Cette délocalisation réduit également le risque d’approvisionnement et conduit à de meilleurs prix, a déclaré la société basée à Chicago dans son rapport sur le développement durable 2023. Cette année, son usine de Pudliszki s’approvisionnera en quasi-totalité de la pâte de tomate utilisée dans ses produits auprès de dizaines de petites fermes situées dans un rayon de 60 kilomètres autour de la ville polonaise.

Lorsque Reuters a examiné plus de 6 000 conteneurs retardés par destination, il est apparu clairement que les retards les plus longs – en pourcentage du voyage total – concernaient des navires se dirigeant vers un port de la Méditerranée ou du Moyen-Orient, de chaque côté de la rivière de Suez. Canal. Les conteneurs effectuant des voyages plus longs entre l’Asie et l’Amérique du Nord ont tendance à avoir des retards moins importants.

Arrivées retardées

Carte montrant le retard moyen dans les arrivées de marchandises dans diverses régions.

Risque d’investissement

Plusieurs investisseurs de premier plan ont déclaré à Reuters qu’ils contesteraient ou s’engageraient avec les entreprises qui affirment n’avoir pas atteint leurs objectifs d’émissions Scope 3 en raison de problèmes de chaîne d’approvisionnement tels que la crise de la mer Rouge.
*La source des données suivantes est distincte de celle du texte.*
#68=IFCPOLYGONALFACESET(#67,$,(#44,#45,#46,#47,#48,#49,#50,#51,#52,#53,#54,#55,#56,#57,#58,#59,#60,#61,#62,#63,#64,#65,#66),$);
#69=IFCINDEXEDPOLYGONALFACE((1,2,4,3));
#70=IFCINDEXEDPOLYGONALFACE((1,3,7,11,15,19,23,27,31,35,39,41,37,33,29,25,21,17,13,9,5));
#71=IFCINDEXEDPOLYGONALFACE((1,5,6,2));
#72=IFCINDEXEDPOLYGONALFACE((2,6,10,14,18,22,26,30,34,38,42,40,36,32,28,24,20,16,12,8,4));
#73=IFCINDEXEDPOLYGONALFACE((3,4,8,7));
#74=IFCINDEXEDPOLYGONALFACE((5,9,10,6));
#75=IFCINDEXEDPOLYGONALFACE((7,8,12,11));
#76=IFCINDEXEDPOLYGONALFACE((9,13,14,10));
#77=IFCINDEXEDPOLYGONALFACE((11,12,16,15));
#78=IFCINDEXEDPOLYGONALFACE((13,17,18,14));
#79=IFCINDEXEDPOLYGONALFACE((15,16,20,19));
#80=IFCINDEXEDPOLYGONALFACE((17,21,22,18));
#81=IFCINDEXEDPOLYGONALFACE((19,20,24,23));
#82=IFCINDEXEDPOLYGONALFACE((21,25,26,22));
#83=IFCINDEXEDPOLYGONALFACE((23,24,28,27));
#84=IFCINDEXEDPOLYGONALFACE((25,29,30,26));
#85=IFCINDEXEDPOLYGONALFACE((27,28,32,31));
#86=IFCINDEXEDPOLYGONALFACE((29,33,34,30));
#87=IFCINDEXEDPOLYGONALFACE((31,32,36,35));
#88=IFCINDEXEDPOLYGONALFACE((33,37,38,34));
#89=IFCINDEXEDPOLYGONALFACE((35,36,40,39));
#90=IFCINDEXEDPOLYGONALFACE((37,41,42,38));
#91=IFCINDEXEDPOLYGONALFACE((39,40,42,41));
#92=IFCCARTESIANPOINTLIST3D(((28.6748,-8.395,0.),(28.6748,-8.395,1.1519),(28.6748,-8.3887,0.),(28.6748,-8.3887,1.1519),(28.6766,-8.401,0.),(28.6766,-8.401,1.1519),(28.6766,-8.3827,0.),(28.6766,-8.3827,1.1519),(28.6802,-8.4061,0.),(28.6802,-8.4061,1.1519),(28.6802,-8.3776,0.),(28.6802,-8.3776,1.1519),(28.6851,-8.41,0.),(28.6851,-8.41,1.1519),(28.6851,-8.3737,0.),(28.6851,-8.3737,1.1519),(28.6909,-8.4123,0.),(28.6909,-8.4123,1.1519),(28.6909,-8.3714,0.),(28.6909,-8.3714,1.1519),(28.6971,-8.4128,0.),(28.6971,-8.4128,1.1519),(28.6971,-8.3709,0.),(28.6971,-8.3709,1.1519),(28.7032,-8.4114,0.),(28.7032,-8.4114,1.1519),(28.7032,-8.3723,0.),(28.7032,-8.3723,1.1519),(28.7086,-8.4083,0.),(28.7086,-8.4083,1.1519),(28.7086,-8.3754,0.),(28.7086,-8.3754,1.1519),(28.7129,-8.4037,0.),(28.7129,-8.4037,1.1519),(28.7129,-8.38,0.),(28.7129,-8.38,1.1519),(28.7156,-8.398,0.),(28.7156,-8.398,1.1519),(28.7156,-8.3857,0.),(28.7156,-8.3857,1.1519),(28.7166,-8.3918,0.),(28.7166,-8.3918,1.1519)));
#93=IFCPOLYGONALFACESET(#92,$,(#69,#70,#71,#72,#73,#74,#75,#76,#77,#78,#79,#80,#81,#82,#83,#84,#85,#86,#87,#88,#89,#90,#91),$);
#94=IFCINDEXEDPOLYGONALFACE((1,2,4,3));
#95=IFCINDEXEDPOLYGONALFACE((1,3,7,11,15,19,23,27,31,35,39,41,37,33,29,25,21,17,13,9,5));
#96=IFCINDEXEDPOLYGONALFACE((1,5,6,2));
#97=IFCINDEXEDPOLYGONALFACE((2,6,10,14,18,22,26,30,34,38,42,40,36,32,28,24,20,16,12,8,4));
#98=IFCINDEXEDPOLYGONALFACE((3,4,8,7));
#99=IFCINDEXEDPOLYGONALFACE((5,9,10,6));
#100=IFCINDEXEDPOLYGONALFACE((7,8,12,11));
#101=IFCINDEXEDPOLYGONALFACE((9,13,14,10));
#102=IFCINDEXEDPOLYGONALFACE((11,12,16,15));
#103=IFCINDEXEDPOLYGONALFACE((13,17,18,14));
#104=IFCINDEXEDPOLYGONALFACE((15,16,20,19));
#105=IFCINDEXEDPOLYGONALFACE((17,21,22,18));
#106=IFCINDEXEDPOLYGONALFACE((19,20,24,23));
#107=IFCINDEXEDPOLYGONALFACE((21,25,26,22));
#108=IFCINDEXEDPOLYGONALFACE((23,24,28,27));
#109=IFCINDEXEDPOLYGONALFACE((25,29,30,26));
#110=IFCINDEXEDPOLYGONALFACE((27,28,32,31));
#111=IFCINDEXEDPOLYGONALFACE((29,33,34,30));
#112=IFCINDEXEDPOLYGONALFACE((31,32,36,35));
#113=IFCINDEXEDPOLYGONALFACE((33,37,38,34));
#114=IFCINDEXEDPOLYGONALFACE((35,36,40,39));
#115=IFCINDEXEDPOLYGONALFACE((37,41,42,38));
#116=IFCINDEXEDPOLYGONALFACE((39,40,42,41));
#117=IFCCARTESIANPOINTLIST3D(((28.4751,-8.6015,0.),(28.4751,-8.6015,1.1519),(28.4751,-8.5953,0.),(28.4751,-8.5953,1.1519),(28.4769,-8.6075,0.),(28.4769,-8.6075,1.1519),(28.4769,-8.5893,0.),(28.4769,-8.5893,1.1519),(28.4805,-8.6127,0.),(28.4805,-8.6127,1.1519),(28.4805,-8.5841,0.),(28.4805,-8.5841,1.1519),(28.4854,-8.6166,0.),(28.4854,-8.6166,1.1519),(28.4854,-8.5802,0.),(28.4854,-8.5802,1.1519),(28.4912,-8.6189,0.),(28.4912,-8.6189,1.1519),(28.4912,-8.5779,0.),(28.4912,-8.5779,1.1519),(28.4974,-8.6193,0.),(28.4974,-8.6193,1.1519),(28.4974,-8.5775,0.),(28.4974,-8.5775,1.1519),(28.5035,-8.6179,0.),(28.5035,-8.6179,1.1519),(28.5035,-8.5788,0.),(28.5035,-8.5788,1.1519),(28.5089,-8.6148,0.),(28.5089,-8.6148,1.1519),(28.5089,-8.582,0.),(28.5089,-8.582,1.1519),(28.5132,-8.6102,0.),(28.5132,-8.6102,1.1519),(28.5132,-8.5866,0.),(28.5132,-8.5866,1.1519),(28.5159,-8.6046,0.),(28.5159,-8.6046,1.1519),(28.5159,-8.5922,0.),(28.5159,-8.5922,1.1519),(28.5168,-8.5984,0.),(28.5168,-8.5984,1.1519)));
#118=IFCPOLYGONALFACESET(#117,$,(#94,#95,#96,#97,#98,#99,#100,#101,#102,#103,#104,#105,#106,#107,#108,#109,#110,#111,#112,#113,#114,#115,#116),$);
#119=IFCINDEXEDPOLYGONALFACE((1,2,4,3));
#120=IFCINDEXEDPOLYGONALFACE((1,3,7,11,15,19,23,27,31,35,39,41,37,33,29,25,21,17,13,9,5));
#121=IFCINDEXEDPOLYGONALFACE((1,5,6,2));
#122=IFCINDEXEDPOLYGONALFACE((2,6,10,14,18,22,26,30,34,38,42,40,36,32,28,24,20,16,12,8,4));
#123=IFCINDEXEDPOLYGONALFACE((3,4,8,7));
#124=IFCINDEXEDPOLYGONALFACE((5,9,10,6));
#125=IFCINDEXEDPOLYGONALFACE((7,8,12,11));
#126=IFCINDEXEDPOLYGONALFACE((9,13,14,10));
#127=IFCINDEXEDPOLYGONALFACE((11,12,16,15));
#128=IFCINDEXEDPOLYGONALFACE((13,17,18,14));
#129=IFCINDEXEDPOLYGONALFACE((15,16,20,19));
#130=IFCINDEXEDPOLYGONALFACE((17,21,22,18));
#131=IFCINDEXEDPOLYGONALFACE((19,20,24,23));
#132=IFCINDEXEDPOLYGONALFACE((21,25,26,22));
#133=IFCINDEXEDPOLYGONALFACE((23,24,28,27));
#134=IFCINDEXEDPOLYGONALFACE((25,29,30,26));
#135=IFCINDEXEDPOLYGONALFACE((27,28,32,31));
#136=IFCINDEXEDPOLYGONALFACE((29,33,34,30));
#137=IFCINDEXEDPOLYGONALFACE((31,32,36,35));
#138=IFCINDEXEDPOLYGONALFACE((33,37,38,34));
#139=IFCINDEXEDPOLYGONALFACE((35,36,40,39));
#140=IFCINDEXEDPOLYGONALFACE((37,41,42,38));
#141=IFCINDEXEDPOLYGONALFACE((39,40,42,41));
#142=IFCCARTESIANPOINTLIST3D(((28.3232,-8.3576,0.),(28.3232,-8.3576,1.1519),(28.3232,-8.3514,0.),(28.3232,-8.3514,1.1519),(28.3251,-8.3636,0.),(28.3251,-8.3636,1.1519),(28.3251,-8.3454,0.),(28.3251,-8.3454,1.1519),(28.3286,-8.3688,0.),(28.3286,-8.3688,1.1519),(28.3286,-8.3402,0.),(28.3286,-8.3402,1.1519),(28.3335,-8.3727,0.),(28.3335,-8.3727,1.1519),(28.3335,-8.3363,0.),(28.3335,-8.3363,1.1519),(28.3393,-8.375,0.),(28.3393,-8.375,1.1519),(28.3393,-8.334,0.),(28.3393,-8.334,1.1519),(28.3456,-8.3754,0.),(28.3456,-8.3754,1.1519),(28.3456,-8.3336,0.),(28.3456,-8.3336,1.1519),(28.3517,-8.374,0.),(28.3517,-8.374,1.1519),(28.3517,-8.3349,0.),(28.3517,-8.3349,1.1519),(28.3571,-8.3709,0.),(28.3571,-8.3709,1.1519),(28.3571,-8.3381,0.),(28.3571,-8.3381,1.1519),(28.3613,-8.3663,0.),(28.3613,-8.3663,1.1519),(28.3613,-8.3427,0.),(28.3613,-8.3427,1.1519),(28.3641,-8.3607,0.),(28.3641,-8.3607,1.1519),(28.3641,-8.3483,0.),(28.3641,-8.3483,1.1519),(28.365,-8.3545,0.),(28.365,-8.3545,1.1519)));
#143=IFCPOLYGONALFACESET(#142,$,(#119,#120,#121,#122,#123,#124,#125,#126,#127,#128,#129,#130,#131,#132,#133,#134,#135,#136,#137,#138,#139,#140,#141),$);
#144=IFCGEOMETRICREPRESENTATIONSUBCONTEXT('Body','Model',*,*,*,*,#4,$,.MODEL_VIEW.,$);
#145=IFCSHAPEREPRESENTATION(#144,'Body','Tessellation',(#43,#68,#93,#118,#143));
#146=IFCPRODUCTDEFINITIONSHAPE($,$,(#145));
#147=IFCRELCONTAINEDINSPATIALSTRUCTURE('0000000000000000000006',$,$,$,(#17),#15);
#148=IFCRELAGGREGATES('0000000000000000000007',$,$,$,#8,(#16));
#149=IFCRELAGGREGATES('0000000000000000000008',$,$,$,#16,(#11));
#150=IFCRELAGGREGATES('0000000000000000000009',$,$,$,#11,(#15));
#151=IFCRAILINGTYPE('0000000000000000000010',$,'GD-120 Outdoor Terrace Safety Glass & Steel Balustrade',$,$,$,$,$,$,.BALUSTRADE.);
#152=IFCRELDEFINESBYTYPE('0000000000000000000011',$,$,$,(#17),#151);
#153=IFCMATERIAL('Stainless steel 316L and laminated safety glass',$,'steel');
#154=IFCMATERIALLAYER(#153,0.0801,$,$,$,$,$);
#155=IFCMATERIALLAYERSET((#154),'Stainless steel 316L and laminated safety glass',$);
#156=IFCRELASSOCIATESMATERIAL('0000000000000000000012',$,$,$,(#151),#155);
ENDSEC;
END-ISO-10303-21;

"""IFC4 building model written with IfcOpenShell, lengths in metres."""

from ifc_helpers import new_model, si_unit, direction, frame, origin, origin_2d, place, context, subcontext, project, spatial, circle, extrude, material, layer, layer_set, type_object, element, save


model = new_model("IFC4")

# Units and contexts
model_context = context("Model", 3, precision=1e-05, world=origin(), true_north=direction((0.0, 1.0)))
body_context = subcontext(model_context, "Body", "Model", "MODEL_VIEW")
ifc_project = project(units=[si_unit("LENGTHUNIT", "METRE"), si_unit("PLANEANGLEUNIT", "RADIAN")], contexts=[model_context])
« Blâmer les transports pour l’absence des objectifs du Scope 3 me semble être une échappatoire potentielle », a déclaré Eric Pedersen, responsable des investissements responsables chez Nordea Asset Management. Certains portefeuilles dotés de stratégies d’investissement axées sur le climat pourraient envisager de céder des actions après des « déceptions successives ».

Même si les experts s’accordent sur le fait que le non-respect des objectifs d’émissions représente une menace pour les entreprises, il s’agit d’une menace qui ne préoccupe pas encore de nombreuses entreprises.

Unique Logistics, un important transitaire mondial, a déclaré que ses centaines d’entreprises clientes ne se posaient aucune question sur les émissions de carbone, mais souhaitaient plutôt réduire les coûts inattendus de leurs chaînes d’approvisionnement.

“Nous n’avons pas encore eu de clients majeurs qui demandaient spécifiquement certains services de navires ou un certain choix de lignes maritimes en fonction de facteurs environnementaux”, a déclaré Sunandan Ray, PDG d’Unique Logistics. « La première priorité de tous reste le coût. »

Les sphères de CO2 sont calculées sur la base de la pression atmosphérique standard. La densité et le volume du CO2 peuvent changer avec la température et la pression.

NaviresGo ; LSEG ; Banque et bourse internationales du carbone ; Aqua-Calc ; MODIS, NASA.